Como não existiam os canais de desenhos na minha época, as crianças eram obrigadas a assistir o que passava na televisão. Então, eu me lembro de assistir ao jornal e às novelas em casa com a minha família. Muitas coisas que passavam nesses programas eram conversadas em casa de uma maneira que eu conseguisse entender, ou seja, as coisas feias eram, simplesmente, cortadas da explicação.

Desilusão: quando vi aqueles "caras-pintadas" indo para as ruas protestar contra o Collor. Eu achava que o cara era aquele tipo bonitão que gostava de ser o Presidente. Quando vi que não era nada disso, comecei a me interessar um pouco mais sobre o tema e vi que o mundo não era aquele "mundo encantado" que tinham criado para mim!

História-sem-fim

4) Pai e mãe super-heróis

Os meus maiores ídolos sempre foram os meus pais, principalmente quando eu era criança. Tudo o que eles faziam era correto e eles eram super-heróis! Quando somos crianças, nós nos inspiramos nos nossos pais para tudo.

Só quando crescemos, percebemos que eles também são falhos e que, infelizmente, um dia, vão embora. Ninguém é eterno! Não, eles não são como os super-heróis da televisão que têm solução para tudo e nos salvam toda hora. É claro que o amor deles é incondicional e que se colocariam no nosso lugar para não passarmos por problemas, mas, quando crescemos, temos que aprender a nos virar e a cuidarmos dos nossos problemas sozinhos, principalmente quando não estão mais conosco.

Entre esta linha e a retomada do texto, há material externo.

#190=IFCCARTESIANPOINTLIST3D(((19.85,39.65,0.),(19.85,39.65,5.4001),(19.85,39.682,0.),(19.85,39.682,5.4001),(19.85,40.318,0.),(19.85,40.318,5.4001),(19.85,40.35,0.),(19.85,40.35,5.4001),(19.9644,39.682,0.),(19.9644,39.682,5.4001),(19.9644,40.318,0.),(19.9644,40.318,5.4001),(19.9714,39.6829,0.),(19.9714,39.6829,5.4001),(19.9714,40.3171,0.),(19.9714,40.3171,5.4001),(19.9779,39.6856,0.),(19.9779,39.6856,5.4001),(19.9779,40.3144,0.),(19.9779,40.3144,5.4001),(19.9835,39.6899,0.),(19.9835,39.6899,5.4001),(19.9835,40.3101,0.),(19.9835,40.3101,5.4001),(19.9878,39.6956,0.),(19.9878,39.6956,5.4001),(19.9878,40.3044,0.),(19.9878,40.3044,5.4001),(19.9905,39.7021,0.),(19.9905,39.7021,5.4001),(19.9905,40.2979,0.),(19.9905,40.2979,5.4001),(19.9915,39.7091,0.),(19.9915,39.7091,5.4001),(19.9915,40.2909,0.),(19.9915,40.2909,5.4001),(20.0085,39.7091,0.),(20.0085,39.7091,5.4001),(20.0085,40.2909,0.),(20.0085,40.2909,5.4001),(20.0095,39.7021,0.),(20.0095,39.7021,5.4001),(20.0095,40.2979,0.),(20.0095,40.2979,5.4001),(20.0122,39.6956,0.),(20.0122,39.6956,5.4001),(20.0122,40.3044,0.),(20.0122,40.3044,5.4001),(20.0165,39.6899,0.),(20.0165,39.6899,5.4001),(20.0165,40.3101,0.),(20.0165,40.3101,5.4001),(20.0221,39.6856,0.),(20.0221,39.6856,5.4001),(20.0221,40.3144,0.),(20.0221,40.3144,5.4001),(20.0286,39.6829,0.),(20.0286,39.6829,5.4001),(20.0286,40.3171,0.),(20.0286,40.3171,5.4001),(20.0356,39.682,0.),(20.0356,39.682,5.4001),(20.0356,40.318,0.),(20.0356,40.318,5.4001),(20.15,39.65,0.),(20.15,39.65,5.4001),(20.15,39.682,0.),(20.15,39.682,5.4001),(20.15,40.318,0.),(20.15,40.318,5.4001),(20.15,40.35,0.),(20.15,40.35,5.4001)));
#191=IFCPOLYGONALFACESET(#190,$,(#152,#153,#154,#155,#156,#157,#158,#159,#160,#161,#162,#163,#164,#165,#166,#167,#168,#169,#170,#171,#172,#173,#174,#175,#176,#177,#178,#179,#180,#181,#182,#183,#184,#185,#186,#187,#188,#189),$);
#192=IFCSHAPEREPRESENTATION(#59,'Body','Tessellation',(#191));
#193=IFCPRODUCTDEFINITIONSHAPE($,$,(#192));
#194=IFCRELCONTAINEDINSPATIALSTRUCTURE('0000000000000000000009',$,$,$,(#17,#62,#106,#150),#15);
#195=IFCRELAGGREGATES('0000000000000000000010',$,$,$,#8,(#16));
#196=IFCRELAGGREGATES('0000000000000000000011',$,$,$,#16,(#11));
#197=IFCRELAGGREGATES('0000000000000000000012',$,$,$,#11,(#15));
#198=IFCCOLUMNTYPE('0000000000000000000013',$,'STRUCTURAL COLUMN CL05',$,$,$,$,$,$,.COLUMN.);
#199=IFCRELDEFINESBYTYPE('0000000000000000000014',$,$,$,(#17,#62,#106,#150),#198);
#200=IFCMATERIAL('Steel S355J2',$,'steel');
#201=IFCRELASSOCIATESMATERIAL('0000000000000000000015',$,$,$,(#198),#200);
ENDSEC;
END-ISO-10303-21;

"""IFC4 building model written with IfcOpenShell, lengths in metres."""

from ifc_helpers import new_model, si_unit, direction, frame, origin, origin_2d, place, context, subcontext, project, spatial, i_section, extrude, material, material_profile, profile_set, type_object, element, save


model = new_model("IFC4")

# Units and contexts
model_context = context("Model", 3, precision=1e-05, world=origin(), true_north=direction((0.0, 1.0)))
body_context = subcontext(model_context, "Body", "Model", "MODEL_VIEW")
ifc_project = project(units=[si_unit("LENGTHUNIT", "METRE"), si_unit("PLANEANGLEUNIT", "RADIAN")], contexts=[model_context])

Desilusão: acredito que a maior dor que eu tive foi quando a minha mãe adoeceu e precisou de cuidados. Vi que ela era um ser-humano como eu e que, mesmo assim, tentava nos esconder a dor que sentia. Aí, ela partiu! A vida se tornou real! Os problemas se tornaram mais reais! Aprendi, na marra, a me virar e a ser quem sou hoje! Pai e mãe, obrigada por tudo!

5) Todo mundo é bonzinho

Outra mentira que a gente acredita é que todo mundo é bonzinho, principalmente na escola. Os seus coleguinhas são os seus melhores amigos e tudo vai muito bem! A vida é linda e todo mundo é lindo!

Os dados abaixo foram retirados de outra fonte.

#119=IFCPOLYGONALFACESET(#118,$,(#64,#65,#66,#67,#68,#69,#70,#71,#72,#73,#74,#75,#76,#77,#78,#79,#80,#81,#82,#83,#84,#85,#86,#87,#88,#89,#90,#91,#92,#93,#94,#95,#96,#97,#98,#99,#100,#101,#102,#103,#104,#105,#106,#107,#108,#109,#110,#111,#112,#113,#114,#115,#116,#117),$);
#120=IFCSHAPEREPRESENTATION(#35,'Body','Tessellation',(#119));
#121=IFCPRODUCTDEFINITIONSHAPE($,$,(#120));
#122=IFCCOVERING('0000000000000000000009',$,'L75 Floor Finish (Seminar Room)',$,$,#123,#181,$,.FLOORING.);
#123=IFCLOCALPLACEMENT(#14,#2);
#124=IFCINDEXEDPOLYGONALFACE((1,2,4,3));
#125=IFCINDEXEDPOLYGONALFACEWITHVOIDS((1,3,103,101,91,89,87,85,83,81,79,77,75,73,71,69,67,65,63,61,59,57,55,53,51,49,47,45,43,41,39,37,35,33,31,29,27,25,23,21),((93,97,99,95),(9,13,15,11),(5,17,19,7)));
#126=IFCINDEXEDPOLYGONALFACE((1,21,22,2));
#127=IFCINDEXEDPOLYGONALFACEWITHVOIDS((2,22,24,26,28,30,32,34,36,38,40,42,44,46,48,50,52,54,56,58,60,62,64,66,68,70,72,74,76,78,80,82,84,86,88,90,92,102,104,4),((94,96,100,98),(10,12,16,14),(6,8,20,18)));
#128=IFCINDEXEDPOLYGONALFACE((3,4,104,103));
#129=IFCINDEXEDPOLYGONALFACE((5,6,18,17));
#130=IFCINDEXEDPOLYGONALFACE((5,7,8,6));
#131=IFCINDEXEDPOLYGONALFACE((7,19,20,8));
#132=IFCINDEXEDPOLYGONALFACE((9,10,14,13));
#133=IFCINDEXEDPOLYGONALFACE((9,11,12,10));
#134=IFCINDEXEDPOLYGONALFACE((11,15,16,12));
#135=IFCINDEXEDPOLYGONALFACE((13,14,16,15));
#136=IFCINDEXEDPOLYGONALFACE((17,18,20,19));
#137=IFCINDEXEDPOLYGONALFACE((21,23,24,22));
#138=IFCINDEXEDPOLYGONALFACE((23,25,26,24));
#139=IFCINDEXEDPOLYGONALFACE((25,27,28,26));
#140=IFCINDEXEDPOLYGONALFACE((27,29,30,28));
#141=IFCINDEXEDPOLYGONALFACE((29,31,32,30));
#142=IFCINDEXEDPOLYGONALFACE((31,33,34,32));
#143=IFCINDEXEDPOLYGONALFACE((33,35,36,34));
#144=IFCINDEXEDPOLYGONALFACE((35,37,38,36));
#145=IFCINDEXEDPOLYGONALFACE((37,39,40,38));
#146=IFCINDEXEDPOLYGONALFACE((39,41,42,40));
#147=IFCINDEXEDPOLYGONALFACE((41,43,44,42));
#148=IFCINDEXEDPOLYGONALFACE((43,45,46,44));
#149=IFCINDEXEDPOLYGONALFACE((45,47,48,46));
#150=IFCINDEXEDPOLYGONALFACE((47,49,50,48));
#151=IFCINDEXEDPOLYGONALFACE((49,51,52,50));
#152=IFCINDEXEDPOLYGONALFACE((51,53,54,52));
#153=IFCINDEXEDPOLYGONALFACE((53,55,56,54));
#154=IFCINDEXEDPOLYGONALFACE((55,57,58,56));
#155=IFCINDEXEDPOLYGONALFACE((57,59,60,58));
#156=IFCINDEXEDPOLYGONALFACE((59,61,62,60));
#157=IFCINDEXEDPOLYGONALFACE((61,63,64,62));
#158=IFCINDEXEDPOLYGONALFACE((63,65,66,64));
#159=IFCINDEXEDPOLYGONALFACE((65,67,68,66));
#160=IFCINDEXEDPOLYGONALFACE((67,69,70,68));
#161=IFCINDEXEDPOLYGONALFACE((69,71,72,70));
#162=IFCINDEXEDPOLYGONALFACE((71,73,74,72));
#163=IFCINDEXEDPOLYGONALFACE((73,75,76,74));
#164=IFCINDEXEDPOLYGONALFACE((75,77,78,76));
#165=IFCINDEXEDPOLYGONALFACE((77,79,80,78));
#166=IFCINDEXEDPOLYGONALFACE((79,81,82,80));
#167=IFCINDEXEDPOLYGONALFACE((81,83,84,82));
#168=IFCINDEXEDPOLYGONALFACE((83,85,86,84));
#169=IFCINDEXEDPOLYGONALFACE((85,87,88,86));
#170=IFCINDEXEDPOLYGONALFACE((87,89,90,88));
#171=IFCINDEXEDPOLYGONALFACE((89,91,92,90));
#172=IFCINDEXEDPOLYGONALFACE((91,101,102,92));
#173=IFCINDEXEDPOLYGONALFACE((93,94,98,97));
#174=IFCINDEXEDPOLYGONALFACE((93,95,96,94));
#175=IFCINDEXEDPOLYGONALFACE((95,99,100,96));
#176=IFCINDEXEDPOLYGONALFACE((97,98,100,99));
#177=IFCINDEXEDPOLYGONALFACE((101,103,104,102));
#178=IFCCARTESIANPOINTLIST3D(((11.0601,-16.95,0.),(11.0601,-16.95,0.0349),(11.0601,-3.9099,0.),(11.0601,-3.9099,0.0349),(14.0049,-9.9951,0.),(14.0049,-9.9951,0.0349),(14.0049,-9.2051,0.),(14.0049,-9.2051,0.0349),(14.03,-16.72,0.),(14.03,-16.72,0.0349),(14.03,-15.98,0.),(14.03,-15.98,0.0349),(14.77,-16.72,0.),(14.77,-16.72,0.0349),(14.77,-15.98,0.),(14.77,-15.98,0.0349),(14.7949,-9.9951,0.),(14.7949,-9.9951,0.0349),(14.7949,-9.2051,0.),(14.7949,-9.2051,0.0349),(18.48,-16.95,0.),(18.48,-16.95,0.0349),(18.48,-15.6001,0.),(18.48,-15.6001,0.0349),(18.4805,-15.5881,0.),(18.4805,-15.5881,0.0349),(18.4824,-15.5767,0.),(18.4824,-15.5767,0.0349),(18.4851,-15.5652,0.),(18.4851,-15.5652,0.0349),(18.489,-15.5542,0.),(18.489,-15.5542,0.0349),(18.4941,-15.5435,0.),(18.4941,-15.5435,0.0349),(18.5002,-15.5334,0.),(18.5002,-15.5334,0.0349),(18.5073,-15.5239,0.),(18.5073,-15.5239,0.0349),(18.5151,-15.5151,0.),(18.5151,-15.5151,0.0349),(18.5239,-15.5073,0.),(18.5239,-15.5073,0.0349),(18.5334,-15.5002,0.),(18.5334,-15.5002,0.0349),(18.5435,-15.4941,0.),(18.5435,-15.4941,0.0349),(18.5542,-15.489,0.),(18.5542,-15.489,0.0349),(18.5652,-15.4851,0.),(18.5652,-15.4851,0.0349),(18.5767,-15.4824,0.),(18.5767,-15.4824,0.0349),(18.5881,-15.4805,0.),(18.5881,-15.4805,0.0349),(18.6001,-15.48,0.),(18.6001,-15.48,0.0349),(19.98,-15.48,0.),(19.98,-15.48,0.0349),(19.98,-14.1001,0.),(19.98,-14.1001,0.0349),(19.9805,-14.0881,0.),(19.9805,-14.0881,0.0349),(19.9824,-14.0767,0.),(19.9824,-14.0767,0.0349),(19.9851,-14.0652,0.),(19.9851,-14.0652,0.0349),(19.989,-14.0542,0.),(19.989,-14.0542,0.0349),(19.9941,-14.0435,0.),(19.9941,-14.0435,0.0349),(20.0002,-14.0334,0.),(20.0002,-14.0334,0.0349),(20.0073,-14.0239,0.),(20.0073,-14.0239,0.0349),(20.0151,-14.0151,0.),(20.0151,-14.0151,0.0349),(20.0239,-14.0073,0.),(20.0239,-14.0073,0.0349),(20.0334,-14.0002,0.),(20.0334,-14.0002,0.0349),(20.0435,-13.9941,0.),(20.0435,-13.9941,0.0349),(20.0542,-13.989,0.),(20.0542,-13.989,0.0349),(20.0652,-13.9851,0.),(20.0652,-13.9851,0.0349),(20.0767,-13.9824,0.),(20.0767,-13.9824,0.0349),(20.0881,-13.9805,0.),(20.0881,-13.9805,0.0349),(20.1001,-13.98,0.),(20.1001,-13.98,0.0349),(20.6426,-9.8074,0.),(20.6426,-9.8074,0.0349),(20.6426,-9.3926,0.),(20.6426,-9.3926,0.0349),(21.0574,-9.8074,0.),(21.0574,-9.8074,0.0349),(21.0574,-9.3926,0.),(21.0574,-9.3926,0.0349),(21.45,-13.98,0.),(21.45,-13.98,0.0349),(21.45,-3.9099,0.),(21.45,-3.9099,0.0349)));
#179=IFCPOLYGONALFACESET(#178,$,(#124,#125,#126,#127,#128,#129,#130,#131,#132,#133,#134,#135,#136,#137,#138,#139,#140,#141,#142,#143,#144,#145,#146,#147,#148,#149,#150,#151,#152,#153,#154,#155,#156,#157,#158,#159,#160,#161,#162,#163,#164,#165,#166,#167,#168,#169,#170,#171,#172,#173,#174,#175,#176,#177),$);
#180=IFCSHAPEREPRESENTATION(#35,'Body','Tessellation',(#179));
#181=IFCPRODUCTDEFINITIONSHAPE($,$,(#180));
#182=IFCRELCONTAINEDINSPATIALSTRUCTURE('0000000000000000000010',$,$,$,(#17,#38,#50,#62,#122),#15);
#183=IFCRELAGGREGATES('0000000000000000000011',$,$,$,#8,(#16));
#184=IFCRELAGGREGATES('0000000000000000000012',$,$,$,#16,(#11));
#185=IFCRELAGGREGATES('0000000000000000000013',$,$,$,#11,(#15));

Isso muda quando estamos na pré-adolescência. Um começa a querer se sobressair em cima do outro. Aí, o negócio muda! Os bullyings começam e muitas crianças são julgadas porque são gordas, de cor de pele diferente, pobres, magras, altas, usam aparelho, etc.

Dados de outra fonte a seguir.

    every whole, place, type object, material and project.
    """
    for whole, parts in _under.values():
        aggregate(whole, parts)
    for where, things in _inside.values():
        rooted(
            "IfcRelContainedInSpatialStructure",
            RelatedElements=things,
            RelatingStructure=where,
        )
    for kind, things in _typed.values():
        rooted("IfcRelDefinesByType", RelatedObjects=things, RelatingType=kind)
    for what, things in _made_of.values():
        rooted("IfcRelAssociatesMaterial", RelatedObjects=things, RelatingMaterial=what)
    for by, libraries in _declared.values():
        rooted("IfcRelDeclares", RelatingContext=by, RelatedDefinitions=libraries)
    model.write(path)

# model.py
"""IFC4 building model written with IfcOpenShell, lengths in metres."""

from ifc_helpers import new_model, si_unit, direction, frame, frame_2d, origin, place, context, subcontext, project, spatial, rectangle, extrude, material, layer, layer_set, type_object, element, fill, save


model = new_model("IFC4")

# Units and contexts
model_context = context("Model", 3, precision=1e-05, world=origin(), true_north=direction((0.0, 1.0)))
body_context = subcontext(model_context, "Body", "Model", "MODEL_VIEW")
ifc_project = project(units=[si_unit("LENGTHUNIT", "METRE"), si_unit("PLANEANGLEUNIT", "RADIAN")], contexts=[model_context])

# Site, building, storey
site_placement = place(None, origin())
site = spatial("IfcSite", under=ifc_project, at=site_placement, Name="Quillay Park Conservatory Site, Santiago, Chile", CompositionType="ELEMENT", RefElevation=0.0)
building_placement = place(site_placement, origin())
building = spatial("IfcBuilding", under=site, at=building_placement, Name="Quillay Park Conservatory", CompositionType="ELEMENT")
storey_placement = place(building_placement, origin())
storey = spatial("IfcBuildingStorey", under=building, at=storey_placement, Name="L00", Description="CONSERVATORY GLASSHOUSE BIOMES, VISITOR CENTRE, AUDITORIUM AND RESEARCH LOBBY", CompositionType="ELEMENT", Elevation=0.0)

Desilusão: quando sofri o meu primeiro bullying. Cheguei em casa transtornada! Tinham me xingado por causa do meu peso! Não sabia o que fazer! E foi assim até a adolescência! O bullying me marcou muito, mas ele também me fez crescer para a vida!


Bom, pessoal, é isso! Espero que tenham gostado do post de hoje!

Fiquem à vontade para colocar as suas ideias aqui nos comentários. Vou amar lê-los!